Agriculture & climate change

Examine impact of agriculture on climate change. Also examine how reducing food waste could help mitigate climate change.

Agriculture is said to be a major driver of climate change because of following reasons:
  1. It accounts for 13% of total green house emissions currently.
  2. More CO2 emissions on account of deforestation for agricultural purpose. Eg: Jhum cultivation in India.
  3. Methane emissions from rice cultivation.
  4. Enteric fermentation from Animals causes methane emissions.
  5. Nitrous oxide emissions from fertilizer use.
Reducing food wastage would help mitigate climate change in following ways:
  1. Food production requires intensive inputs and the processes cause GHG emissions and if food does not reach plates, these emissions are without any substantive output. With population set to rise 10 billion by 2050 the need for food is set to rise and thus stopping food wastage would reduce GHG emissions.
  2. Animal based food causes more GHG emissions and changing dietary practices towards protein based food in developing countries without any effort to reduce food wastage will further increase GHG emissions and ths it is prudent to stop food wastage from not only economic point of view but also ecological point of of view.
There is need to reform food distribution system across countries.

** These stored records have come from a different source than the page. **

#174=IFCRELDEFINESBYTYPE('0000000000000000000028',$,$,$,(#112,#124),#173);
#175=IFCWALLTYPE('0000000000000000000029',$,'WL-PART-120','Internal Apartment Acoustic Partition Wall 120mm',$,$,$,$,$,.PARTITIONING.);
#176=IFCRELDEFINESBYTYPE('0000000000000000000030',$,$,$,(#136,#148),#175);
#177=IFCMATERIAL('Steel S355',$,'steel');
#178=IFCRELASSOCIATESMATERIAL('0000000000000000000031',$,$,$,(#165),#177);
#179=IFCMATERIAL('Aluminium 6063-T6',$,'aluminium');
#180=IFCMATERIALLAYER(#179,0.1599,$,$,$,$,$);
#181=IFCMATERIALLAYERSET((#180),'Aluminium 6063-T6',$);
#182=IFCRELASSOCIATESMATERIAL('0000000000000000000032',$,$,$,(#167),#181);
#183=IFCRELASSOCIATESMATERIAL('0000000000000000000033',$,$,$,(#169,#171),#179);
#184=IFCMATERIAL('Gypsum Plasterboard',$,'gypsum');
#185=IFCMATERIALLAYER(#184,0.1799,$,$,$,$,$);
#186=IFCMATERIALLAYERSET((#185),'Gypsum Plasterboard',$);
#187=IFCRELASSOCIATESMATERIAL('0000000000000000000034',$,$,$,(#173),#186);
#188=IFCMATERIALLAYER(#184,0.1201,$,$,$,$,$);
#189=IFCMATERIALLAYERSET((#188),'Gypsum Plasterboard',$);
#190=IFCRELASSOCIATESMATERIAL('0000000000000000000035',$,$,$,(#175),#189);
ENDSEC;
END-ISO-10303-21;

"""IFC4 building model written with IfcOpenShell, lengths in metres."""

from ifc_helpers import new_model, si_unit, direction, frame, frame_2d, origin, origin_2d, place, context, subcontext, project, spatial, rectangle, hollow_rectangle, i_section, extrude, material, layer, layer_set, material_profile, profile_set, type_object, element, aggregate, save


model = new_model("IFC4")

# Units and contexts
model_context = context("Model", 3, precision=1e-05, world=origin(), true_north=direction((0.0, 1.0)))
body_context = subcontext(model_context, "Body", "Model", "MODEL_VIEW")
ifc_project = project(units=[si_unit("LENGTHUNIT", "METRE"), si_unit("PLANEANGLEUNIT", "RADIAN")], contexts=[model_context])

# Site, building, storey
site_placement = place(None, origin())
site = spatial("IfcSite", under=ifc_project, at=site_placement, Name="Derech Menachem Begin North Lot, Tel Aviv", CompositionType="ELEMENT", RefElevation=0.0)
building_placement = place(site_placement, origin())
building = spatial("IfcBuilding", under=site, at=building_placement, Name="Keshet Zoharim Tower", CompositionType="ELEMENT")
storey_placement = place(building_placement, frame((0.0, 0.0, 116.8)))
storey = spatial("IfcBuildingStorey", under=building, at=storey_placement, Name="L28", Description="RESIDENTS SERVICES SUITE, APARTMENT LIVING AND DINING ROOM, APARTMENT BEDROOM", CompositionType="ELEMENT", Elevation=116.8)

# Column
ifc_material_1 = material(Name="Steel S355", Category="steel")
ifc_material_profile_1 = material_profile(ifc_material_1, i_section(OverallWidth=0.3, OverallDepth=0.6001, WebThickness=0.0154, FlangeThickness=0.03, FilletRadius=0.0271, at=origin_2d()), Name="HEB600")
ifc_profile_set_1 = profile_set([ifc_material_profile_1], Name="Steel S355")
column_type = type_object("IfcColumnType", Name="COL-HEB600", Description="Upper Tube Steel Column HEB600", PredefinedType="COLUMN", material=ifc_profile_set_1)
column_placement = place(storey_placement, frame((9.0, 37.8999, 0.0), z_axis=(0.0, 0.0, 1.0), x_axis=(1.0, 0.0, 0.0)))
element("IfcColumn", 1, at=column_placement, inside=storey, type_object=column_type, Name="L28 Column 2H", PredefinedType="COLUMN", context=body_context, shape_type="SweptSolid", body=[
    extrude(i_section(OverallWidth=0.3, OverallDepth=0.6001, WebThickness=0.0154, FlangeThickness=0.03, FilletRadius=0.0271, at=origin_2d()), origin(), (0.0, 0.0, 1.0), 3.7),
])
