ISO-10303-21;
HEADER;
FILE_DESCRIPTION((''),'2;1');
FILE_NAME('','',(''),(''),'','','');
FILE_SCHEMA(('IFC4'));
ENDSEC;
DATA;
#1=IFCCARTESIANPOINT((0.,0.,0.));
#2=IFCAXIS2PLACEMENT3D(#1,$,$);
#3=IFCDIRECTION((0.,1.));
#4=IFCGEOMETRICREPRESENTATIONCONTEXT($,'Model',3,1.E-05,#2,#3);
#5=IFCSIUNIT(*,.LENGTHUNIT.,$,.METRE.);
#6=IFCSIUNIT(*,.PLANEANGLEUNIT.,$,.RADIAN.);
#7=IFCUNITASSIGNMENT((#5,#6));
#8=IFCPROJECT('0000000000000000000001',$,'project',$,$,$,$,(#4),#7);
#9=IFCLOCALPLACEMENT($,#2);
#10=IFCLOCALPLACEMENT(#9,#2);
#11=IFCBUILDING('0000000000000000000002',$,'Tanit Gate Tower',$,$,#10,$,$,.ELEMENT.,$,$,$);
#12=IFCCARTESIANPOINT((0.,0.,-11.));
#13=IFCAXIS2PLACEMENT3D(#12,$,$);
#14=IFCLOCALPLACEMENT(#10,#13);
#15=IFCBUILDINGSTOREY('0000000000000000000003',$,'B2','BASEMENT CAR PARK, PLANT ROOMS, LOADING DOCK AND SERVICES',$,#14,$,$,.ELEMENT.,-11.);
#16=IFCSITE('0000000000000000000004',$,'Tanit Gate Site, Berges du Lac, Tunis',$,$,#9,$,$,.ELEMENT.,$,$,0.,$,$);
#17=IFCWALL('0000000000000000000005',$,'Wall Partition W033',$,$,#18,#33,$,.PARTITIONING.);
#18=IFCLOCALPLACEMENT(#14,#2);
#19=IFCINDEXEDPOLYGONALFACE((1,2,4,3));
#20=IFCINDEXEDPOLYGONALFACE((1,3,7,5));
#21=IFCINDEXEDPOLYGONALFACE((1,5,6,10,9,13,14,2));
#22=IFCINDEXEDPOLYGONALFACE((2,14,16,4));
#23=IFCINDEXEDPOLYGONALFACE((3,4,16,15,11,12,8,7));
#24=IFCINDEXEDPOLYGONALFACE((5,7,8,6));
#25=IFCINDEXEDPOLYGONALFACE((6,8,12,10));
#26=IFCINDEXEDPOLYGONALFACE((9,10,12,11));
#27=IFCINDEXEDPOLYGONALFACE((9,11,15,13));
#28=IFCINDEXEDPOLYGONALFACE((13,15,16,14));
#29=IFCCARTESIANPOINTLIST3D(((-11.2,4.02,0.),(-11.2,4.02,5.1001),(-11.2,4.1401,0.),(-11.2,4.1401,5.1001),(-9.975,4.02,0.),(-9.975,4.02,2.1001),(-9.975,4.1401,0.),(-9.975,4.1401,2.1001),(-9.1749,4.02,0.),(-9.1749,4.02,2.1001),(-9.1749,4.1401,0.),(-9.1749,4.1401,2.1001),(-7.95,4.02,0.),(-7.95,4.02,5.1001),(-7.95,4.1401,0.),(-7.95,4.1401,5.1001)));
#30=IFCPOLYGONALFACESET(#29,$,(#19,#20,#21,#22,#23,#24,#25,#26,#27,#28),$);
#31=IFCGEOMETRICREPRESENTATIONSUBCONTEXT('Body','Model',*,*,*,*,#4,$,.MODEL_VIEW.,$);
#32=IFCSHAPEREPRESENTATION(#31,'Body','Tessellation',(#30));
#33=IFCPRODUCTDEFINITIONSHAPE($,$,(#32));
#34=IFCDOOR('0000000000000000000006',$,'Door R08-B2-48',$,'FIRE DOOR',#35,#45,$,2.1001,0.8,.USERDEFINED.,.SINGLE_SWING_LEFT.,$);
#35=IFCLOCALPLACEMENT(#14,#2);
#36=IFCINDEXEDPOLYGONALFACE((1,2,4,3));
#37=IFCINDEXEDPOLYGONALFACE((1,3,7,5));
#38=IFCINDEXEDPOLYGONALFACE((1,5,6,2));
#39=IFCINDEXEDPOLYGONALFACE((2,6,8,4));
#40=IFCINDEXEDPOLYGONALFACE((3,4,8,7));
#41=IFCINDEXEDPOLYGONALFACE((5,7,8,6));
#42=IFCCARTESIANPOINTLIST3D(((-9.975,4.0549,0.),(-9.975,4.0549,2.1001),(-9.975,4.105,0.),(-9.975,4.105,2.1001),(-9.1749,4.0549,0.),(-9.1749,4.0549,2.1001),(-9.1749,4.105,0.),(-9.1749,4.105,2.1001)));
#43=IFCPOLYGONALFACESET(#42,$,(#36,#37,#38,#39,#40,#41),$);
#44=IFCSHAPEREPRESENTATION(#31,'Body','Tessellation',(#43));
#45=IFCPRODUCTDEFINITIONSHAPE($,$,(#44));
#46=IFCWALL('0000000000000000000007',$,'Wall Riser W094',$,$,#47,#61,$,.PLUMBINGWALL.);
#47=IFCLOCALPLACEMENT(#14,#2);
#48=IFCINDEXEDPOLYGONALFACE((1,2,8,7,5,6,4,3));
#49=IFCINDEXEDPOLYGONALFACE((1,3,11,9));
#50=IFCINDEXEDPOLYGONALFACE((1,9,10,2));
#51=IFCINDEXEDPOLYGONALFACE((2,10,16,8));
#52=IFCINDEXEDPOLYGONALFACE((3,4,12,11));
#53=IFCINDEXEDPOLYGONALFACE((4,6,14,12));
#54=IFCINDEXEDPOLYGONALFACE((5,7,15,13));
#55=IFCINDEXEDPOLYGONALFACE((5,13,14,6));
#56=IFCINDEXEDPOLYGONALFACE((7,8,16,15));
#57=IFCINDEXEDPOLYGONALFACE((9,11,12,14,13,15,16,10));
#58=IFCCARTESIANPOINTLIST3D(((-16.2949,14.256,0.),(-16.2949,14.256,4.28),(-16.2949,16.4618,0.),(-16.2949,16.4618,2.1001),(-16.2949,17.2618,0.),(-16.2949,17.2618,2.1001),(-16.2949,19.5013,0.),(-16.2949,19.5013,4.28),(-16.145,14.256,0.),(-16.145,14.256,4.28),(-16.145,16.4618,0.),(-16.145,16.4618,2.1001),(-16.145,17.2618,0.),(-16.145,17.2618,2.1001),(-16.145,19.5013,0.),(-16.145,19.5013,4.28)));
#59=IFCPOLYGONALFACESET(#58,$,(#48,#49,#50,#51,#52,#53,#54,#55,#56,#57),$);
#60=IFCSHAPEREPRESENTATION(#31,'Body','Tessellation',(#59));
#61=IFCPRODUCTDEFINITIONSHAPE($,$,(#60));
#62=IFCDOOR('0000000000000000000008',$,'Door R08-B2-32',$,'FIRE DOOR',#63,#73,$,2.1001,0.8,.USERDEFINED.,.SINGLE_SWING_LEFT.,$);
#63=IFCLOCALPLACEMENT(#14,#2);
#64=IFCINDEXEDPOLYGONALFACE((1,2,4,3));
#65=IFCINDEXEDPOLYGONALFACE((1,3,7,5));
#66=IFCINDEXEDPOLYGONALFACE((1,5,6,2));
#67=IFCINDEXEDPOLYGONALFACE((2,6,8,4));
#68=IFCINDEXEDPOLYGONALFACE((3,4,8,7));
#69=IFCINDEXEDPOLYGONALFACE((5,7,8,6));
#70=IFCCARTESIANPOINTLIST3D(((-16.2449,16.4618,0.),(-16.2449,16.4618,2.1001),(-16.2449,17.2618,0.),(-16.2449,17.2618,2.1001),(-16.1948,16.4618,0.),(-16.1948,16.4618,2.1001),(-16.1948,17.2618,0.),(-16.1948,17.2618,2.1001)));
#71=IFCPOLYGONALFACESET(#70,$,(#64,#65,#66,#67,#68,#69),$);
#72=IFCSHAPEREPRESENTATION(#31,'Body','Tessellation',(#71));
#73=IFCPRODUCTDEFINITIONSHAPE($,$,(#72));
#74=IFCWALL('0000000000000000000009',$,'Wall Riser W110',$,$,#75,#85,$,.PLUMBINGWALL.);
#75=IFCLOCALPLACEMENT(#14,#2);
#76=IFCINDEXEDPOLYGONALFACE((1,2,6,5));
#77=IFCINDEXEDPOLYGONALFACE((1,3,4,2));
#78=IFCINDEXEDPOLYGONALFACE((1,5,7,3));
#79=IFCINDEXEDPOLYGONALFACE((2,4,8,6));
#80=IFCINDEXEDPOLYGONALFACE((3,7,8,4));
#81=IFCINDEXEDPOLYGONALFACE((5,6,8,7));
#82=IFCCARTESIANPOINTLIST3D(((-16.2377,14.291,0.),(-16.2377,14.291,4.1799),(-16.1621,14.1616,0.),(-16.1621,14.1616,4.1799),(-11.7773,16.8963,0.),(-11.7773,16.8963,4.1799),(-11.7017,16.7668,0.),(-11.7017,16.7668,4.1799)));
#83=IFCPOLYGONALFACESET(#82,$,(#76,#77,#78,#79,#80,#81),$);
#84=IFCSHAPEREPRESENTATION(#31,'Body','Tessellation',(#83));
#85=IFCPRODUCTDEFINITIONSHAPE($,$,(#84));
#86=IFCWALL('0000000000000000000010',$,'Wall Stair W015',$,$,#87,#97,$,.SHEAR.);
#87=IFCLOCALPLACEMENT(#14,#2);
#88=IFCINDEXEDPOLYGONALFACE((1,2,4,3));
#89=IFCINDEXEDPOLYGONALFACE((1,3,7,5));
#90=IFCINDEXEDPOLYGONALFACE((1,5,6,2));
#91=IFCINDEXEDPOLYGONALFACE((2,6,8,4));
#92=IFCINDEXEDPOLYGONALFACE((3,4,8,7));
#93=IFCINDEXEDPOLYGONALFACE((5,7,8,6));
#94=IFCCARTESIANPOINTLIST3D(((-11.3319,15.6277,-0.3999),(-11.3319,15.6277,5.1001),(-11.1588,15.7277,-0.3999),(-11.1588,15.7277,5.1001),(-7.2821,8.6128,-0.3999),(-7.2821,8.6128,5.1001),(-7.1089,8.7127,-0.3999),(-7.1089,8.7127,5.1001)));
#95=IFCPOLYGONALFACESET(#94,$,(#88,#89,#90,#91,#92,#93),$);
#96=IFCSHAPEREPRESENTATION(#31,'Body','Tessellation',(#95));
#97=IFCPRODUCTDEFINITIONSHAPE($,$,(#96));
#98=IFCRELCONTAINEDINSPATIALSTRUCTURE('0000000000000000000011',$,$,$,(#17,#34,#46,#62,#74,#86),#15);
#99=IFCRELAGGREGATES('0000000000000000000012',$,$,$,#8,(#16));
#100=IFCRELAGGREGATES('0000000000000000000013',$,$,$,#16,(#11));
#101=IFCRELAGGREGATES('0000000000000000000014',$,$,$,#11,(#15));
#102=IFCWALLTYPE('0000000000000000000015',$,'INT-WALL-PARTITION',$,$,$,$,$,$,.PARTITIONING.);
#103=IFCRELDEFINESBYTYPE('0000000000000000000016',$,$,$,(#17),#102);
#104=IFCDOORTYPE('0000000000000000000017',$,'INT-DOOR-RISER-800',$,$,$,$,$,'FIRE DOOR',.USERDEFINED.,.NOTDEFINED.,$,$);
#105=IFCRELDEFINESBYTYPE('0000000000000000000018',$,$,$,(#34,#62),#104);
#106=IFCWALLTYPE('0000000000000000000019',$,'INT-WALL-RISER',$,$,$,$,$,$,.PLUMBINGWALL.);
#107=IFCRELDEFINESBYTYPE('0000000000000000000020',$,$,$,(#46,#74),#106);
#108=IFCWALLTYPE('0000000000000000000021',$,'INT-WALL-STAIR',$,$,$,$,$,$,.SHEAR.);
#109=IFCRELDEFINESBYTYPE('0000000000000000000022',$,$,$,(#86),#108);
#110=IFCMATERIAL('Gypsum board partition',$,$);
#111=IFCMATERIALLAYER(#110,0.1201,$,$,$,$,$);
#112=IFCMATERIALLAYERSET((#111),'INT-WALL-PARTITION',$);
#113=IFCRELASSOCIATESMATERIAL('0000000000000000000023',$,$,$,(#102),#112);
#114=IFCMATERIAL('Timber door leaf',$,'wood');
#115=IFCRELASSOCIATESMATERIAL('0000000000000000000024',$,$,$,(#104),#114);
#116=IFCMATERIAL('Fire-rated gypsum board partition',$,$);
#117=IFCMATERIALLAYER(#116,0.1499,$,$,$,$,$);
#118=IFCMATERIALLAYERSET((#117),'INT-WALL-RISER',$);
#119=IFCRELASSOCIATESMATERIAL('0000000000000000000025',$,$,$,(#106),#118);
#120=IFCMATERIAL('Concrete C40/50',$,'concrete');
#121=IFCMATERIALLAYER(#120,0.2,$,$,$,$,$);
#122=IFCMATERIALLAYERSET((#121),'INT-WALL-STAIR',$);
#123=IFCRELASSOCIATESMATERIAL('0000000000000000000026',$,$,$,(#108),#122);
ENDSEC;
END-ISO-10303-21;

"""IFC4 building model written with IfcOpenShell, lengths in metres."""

from ifc_helpers import new_model, si_unit, direction, frame, frame_2d, origin, place, context, subcontext, project, spatial, rectangle, extrude, material, layer, layer_set, type_object, element, fill, save


model = new_model("IFC4")

# Units and contexts
model_context = context("Model", 3, precision=1e-05, world=origin(), true_north=direction((0.0, 1.0)))
body_context = subcontext(model_context, "Body", "Model", "MODEL_VIEW")
ifc_project = project(units=[si_unit("LENGTHUNIT", "METRE"), si_unit("PLANEANGLEUNIT", "RADIAN")], contexts=[model_context])

# Site, building, storey
site_placement = place(None, origin())
site = spatial("IfcSite", under=ifc_project, at=site_placement, Name="Tanit Gate Site, Berges du Lac, Tunis", CompositionType="ELEMENT", RefElevation=0.0)
building_placement = place(site_placement, origin())
building = spatial("IfcBuilding", under=site, at=building_placement, Name="Tanit Gate Tower", CompositionType="ELEMENT")
storey_placement = place(building_placement, frame((0.0, 0.0, -11.0)))
storey = spatial("IfcBuildingStorey", under=building, at=storey_placement, Name="B2", Description="BASEMENT CAR PARK, PLANT ROOMS, LOADING DOCK AND SERVICES", CompositionType="ELEMENT", Elevation=-11.0)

India can do its part by efficient supply chain management, promotion of Food processing industry, APMC reforms etc.
How does climate change impact agriculture?
  • Climate change would impact soil health, with increasing surface temperatures leading to higher CO emissions and reducing natural nitrogen availability.
  • Mitigating this by increasing chemical fertilizer usage could impact long-term soil fertility, leaving the soil open to greater erosion and desertification.
  • Meanwhile, migration patterns, farmer suicides and stagnating rural incomes, along with increasingly ad hoc land acquisition in the name of public goods, have politicised the idea of climate mitigation.
  • Marginal farmland will increasingly be useless for agriculture.
  • Our regional crop patterns assume a specific range of weather variability, failing to cope with the recent high periods of heavy rainfall with long dry intervals.
  • India’s flood-affected area has doubled since Independence, despite generous state spending on flood protection schemes.
  • Climate change will impact the entire food production chain, affecting our food security.
  • Livestock production, often considered to be a substitute to farming for marginal farmers, would face reduced fodder supplies given a decline in crop area or production
  • Research has highlighted the deleterious impact of climate change on crop production.